# 多场景长语音生成综合评测基准

- 来源：HuggingFace Daily Papers（社区热门论文）
- 发布时间：2026-05-27 08:00
- AIHOT 分数：50
- AIHOT 链接：https://aihot.virxact.com/items/cmpupuvkx007xsl3tgwndtyb1
- 原文链接：https://arxiv.org/abs/2605.28618

## AI 摘要

SwanBench-Speech是一个针对长语音生成的综合评测基准，涵盖长语音生成和对话生成，覆盖声学、语义和表现力挑战。该基准包含1,101个样本，横跨17种常见语音场景，并从上述三个维度定义了包含7个指标的自动化评测方案。实验揭示，当前模型在高表达性场景下表现依然吃力，且在一致性与层次感上与真实录音存在明显差距。

## 正文

Recent advances in speech generation have enabled high-fidelity synthesis, yet systematic evaluation of models under long-context conditions remains largely underexplored. A comprehensive evaluation benchmark for long-form speech is indispensable for two reasons: 1) existing test scenarios are often confined to limited domains, creating a significant gap with the diverse downstream applications; 2) existing metrics overlook critical long-text factors such as consistency and coherence, failing to generalize reliably.
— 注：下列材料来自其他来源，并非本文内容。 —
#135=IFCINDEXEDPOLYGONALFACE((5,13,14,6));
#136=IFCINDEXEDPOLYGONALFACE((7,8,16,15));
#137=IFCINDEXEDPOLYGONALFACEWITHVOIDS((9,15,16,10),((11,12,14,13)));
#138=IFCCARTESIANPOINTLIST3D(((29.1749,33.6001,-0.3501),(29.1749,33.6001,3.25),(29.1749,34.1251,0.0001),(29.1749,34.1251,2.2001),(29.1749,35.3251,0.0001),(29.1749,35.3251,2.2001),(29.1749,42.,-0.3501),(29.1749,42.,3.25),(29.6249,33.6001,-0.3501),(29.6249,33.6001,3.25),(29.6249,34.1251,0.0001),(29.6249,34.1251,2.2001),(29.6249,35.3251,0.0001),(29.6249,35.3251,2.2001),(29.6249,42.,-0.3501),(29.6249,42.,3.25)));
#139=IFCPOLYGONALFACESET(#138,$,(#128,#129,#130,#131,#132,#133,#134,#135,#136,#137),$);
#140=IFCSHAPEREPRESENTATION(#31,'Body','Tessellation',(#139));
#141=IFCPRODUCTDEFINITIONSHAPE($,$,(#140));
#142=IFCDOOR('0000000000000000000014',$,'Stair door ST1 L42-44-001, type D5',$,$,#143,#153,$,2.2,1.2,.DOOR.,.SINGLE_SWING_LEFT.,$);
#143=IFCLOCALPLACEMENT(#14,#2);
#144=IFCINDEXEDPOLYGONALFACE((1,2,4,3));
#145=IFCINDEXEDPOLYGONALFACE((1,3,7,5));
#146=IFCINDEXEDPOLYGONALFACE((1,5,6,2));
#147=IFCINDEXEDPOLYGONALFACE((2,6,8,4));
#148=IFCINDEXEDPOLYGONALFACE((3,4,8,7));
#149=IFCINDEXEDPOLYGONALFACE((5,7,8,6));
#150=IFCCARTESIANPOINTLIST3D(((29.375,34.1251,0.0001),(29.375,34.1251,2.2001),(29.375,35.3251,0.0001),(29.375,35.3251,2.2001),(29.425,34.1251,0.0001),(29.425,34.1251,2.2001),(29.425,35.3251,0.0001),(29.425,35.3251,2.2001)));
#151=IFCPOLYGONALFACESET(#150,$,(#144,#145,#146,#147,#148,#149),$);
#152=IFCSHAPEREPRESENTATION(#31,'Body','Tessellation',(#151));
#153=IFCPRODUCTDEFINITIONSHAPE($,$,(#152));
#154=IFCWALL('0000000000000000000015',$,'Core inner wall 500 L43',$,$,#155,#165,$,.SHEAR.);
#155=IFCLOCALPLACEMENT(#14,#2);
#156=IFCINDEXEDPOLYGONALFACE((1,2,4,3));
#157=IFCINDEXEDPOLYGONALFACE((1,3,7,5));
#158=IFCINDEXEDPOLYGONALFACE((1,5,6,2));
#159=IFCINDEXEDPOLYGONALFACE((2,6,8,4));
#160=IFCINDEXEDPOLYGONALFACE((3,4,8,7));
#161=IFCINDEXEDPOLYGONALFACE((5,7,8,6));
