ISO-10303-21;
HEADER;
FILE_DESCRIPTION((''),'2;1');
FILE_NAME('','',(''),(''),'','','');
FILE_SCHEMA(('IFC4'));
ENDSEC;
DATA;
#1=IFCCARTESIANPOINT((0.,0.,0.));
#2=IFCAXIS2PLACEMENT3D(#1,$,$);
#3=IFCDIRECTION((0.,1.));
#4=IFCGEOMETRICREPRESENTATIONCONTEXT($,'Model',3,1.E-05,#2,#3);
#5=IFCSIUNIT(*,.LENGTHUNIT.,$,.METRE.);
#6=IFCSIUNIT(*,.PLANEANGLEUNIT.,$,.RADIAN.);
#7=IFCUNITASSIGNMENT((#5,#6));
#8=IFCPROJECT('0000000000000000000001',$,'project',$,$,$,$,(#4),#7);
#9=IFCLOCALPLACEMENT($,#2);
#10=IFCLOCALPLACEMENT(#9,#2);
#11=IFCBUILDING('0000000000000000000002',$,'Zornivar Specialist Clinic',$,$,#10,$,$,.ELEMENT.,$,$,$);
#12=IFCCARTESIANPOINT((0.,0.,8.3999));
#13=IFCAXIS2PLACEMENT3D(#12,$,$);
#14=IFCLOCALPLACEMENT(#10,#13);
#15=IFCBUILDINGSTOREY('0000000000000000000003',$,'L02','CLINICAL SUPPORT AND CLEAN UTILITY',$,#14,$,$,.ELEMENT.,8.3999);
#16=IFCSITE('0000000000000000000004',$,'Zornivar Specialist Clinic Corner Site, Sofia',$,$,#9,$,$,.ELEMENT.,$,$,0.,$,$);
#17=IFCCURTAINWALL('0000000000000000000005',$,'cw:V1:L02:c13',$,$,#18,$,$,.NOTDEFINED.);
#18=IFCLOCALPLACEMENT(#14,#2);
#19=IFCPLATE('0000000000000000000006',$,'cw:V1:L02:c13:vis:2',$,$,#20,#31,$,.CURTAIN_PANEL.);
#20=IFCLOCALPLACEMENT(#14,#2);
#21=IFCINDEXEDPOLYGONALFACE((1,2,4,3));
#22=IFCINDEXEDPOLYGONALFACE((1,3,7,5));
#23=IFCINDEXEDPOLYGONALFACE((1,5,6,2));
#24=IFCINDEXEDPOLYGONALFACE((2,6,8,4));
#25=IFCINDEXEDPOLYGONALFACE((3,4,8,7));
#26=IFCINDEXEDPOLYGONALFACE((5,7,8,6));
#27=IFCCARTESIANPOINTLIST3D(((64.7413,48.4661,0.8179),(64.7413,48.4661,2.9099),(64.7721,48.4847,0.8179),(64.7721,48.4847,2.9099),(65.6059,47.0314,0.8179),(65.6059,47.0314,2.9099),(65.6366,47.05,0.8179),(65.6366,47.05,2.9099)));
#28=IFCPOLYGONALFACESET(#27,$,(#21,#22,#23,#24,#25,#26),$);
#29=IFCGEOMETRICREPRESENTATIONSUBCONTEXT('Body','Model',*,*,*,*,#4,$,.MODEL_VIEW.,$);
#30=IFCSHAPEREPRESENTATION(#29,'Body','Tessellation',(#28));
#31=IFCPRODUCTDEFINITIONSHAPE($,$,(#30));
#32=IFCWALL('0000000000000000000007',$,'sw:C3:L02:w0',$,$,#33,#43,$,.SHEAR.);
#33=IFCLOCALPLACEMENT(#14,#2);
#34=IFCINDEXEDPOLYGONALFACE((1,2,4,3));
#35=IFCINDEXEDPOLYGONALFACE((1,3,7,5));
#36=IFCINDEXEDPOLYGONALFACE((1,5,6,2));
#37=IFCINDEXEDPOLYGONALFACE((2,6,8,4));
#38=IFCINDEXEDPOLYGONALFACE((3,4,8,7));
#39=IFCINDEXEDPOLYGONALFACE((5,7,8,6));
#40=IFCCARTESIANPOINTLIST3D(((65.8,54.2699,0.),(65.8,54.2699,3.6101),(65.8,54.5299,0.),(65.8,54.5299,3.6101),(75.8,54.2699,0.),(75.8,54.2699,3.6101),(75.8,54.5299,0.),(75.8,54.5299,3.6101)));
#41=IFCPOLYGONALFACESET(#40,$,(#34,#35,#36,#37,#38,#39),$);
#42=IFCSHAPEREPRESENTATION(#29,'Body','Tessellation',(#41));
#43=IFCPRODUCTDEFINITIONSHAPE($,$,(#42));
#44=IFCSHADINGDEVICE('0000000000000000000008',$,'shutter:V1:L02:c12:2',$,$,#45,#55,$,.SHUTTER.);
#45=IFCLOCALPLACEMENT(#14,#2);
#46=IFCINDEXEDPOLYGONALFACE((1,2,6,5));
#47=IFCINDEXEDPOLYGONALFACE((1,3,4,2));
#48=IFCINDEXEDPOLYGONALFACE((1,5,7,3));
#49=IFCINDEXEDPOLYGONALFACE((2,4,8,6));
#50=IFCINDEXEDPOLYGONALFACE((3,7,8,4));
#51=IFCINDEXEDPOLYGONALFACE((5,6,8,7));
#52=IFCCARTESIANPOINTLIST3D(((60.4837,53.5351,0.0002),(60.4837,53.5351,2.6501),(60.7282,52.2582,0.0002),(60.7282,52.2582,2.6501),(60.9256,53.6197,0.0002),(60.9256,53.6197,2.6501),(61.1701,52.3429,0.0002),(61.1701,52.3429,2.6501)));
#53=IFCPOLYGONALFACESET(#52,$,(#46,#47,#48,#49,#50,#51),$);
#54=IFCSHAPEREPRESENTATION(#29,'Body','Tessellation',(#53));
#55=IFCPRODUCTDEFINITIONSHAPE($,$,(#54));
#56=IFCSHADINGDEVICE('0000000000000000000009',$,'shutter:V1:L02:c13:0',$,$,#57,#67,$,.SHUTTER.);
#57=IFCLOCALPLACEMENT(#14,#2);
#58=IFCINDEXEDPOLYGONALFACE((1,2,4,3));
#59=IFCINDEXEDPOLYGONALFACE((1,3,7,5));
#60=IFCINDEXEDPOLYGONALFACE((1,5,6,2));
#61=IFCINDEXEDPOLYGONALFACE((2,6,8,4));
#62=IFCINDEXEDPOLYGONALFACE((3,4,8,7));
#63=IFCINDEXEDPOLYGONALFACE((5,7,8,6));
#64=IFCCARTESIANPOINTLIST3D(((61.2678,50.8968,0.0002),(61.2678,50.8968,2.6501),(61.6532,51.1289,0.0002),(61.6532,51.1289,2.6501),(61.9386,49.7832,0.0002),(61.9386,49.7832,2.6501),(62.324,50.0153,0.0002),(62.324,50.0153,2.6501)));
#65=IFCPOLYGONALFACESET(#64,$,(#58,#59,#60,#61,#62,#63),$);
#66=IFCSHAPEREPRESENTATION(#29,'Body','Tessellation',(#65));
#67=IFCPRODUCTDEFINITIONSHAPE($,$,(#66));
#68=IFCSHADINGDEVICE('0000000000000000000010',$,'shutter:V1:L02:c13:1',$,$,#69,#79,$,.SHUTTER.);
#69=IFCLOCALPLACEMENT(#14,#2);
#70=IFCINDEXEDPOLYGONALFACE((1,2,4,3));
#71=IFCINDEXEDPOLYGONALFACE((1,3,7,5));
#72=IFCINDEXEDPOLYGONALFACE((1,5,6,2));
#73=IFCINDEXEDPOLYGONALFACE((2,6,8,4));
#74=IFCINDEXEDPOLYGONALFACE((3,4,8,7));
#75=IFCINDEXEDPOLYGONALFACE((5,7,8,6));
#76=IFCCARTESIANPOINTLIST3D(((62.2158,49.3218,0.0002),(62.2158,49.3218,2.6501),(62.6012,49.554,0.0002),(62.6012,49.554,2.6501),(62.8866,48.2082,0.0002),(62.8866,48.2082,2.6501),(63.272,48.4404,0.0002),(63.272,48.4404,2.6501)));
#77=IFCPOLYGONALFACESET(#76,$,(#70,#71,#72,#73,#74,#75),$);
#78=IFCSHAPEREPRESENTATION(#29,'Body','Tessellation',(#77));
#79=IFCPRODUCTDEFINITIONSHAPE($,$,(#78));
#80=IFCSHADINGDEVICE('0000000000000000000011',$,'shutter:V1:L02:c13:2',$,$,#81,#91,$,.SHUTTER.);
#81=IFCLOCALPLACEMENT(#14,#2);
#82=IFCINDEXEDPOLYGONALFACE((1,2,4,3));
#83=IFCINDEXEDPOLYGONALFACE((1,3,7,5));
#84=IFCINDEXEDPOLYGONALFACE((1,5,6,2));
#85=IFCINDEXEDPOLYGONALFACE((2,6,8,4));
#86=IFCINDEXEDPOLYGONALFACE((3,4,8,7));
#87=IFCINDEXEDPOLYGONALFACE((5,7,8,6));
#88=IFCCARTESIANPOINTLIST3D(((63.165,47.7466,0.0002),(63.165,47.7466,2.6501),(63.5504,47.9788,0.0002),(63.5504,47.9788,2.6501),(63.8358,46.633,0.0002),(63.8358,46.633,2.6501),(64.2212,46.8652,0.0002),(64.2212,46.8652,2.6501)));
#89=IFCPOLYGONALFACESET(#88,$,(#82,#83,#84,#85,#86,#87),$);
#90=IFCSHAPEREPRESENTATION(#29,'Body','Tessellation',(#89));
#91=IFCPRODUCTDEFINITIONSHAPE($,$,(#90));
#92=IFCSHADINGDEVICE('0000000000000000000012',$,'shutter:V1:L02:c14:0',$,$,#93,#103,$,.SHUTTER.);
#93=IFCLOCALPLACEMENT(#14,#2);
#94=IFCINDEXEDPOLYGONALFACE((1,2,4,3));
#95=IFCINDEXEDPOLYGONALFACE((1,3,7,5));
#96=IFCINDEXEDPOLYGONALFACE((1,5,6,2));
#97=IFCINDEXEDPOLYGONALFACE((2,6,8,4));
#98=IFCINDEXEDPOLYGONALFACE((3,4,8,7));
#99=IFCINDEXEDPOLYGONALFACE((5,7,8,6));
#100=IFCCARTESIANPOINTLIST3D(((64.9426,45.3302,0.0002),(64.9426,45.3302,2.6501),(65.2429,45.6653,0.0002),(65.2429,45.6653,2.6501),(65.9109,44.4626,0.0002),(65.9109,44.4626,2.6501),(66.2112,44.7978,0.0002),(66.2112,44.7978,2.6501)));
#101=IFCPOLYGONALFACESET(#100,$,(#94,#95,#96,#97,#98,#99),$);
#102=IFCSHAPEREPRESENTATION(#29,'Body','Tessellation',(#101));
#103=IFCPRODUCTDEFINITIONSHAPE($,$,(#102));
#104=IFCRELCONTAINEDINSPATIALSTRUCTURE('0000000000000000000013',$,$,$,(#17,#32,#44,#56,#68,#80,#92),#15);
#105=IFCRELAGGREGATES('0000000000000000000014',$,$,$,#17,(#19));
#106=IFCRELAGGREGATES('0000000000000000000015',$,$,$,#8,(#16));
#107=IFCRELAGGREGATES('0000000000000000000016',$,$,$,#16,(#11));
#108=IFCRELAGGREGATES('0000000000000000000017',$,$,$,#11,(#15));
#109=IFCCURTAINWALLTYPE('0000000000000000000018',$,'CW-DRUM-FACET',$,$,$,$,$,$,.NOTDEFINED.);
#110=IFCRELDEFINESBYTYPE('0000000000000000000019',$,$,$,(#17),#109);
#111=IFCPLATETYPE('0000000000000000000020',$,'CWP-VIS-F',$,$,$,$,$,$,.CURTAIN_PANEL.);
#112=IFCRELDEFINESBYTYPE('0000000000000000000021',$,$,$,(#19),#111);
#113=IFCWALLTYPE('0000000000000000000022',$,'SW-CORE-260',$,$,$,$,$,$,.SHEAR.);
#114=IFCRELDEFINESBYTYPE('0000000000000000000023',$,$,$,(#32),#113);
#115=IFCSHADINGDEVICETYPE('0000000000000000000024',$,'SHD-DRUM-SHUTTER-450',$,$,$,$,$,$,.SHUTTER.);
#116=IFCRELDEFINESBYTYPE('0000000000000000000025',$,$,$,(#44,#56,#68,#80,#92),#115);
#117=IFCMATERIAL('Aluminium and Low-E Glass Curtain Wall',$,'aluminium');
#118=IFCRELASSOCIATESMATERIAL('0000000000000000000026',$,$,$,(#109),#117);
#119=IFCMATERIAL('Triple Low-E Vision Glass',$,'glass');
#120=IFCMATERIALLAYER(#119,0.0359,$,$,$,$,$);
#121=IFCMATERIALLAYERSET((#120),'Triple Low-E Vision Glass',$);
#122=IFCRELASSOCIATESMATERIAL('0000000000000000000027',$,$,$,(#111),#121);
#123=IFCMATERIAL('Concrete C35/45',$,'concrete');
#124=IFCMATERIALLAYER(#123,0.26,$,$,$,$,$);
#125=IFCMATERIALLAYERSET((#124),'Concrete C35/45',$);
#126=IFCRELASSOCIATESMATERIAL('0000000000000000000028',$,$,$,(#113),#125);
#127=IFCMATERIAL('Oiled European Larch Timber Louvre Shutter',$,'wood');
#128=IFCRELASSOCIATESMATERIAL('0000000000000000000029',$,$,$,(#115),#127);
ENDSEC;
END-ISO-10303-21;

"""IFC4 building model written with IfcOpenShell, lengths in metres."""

from ifc_helpers import new_model, si_unit, direction, frame, frame_2d, origin, origin_2d, place, context, subcontext, project, spatial, rectangle, extrude, material, layer, layer_set, type_object, element, aggregate, save


model = new_model("IFC4")

# Units and contexts
model_context = context("Model", 3, precision=1e-05, world=origin(), true_north=direction((0.0, 1.0)))
body_context = subcontext(model_context, "Body", "Model", "MODEL_VIEW")
ifc_project = project(units=[si_unit("LENGTHUNIT", "METRE"), si_unit("PLANEANGLEUNIT", "RADIAN")], contexts=[model_context])

# Site, building, storey
site_placement = place(None, origin())
site = spatial("IfcSite", under=ifc_project, at=site_placement, Name="Zornivar Specialist Clinic Corner Site, Sofia", CompositionType="ELEMENT", RefElevation=0.0)
building_placement = place(site_placement, origin())
building = spatial("IfcBuilding", under=site, at=building_placement, Name="Zornivar Specialist Clinic", CompositionType="ELEMENT")
storey_placement = place(building_placement, frame((0.0, 0.0, 8.3999)))
storey = spatial("IfcBuildingStorey", under=building, at=storey_placement, Name="L02", Description="CLINICAL SUPPORT AND CLEAN UTILITY", CompositionType="ELEMENT", Elevation=8.3999)

# Shared definitions
ifc_material_1 = material(Name="Aluminium and Low-E Glass Curtain Wall", Category="aluminium")
curtain_wall_type = type_object("IfcCurtainWallType", Name="CW-DRUM-FACET", PredefinedType="NOTDEFINED", material=ifc_material_1)

# Curtain wall
curtain_wall_1_placement = place(storey_placement, origin())
curtain_wall_1 = element("IfcCurtainWall", 1, at=curtain_wall_1_placement, inside=storey, type_object=curtain_wall_type, Name="cw:V1:L02:c13", PredefinedType="NOTDEFINED")

# Plate
ifc_material_2 = material(Name="Triple Low-E Vision Glass", Category="glass")
ifc_layer_1 = layer(ifc_material_2, 0.0359)
ifc_layer_set_1 = layer_set([ifc_layer_1], Name="Triple Low-E Vision Glass")
plate_type_1 = type_object("IfcPlateType", Name="CWP-VIS-F", PredefinedType="CURTAIN_PANEL", material=ifc_layer_set_1)
plate_1_placement = place(storey_placement, frame((65.189, 47.7581, 0.8179), z_axis=(0.0, 0.0, 1.0), x_axis=(0.516127, -0.856512, 0.0)))
plate_1 = element("IfcPlate", 2, at=plate_1_placement, type_object=plate_type_1, Name="cw:V1:L02:c13:vis:2", PredefinedType="CURTAIN_PANEL", context=body_context, shape_type="SweptSolid", body=[
    extrude(rectangle(XDim=1.675, YDim=0.0359, at=origin_2d()), origin(), (0.0, 0.0, 1.0), 2.092),
])
aggregate(curtain_wall_1, [plate_1])

# Wall
ifc_material_3 = material(Name="Concrete C35/45", Category="concrete")
ifc_layer_2 = layer(ifc_material_3, 0.26)
ifc_layer_set_2 = layer_set([ifc_layer_2], Name="Concrete C35/45")
wall_type = type_object("IfcWallType", Name="SW-CORE-260", PredefinedType="SHEAR", material=ifc_layer_set_2)
wall_placement = place(storey_placement, frame((65.8, 54.3999, 0.0), z_axis=(0.0, 0.0, 1.0), x_axis=(1.0, 0.0, 0.0)))
element("IfcWall", 3, at=wall_placement, inside=storey, type_object=wall_type, Name="sw:C3:L02:w0", PredefinedType="SHEAR", context=body_context, shape_type="SweptSolid", body=[
    extrude(rectangle(XDim=10.0, YDim=0.26, at=frame_2d((5.0, 0.0))), origin(), (0.0, 0.0, 1.0), 3.6101),
])

# Shading devices
ifc_material_4 = material(Name="Oiled European Larch Timber Louvre Shutter", Category="wood")
shading_device_type = type_object("IfcShadingDeviceType", Name="SHD-DRUM-SHUTTER-450", PredefinedType="SHUTTER", material=ifc_material_4)
for number, where, z_axis, x_axis, name in (
    (4, (60.8269, 52.939, 0.0002), (0.0, 0.0, 1.0), (0.188099, -0.98215, 0.0), "shutter:V1:L02:c12:2"),
    (5, (61.7959, 50.4561, 0.0002), (0.0, 0.0, 1.0), (0.516018, -0.856578, 0.0), "shutter:V1:L02:c13:0"),
    (6, (62.7439, 48.8811, 0.0002), (0.0, 0.0, 1.0), (0.516018, -0.856578, 0.0), "shutter:V1:L02:c13:1"),
    (7, (63.6931, 47.3059, 0.0002), (0.0, 0.0, 1.0), (0.516018, -0.856578, 0.0), "shutter:V1:L02:c13:2"),
    (8, (65.5769, 45.064, 0.0002), (0.0, 0.0, 1.0), (0.744797, -0.667291, 0.0), "shutter:V1:L02:c14:0"),
):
To this end, we propose Swanbench-Speech, a comprehensive benchmark that decomposes long-form speech quality into specific, disentangled dimensions. SwanBench-Speech has three key properties. 1) Rich speech scenarios: Focusing on long-form speech generation and dialog generation, SwanBench-Speech covers acoustics, semantics, and expressiveness challenges, and consists of 1,101 samples spanning 17 common speech scenarios; 2) Comprehensive evaluation dimensions: Along the acoustics, semantics, and expressiveness axes, SwanBench-Speech defines an automated evaluation protocol with seven metrics to provide a comprehensive, accurate, and standardized assessment; 3) Valuable Insights: Through extensive experiments, we reveal that current models still struggle in highly expressive scenarios and exhibit a notable gap in consistency and hierarchy compared to real recordings.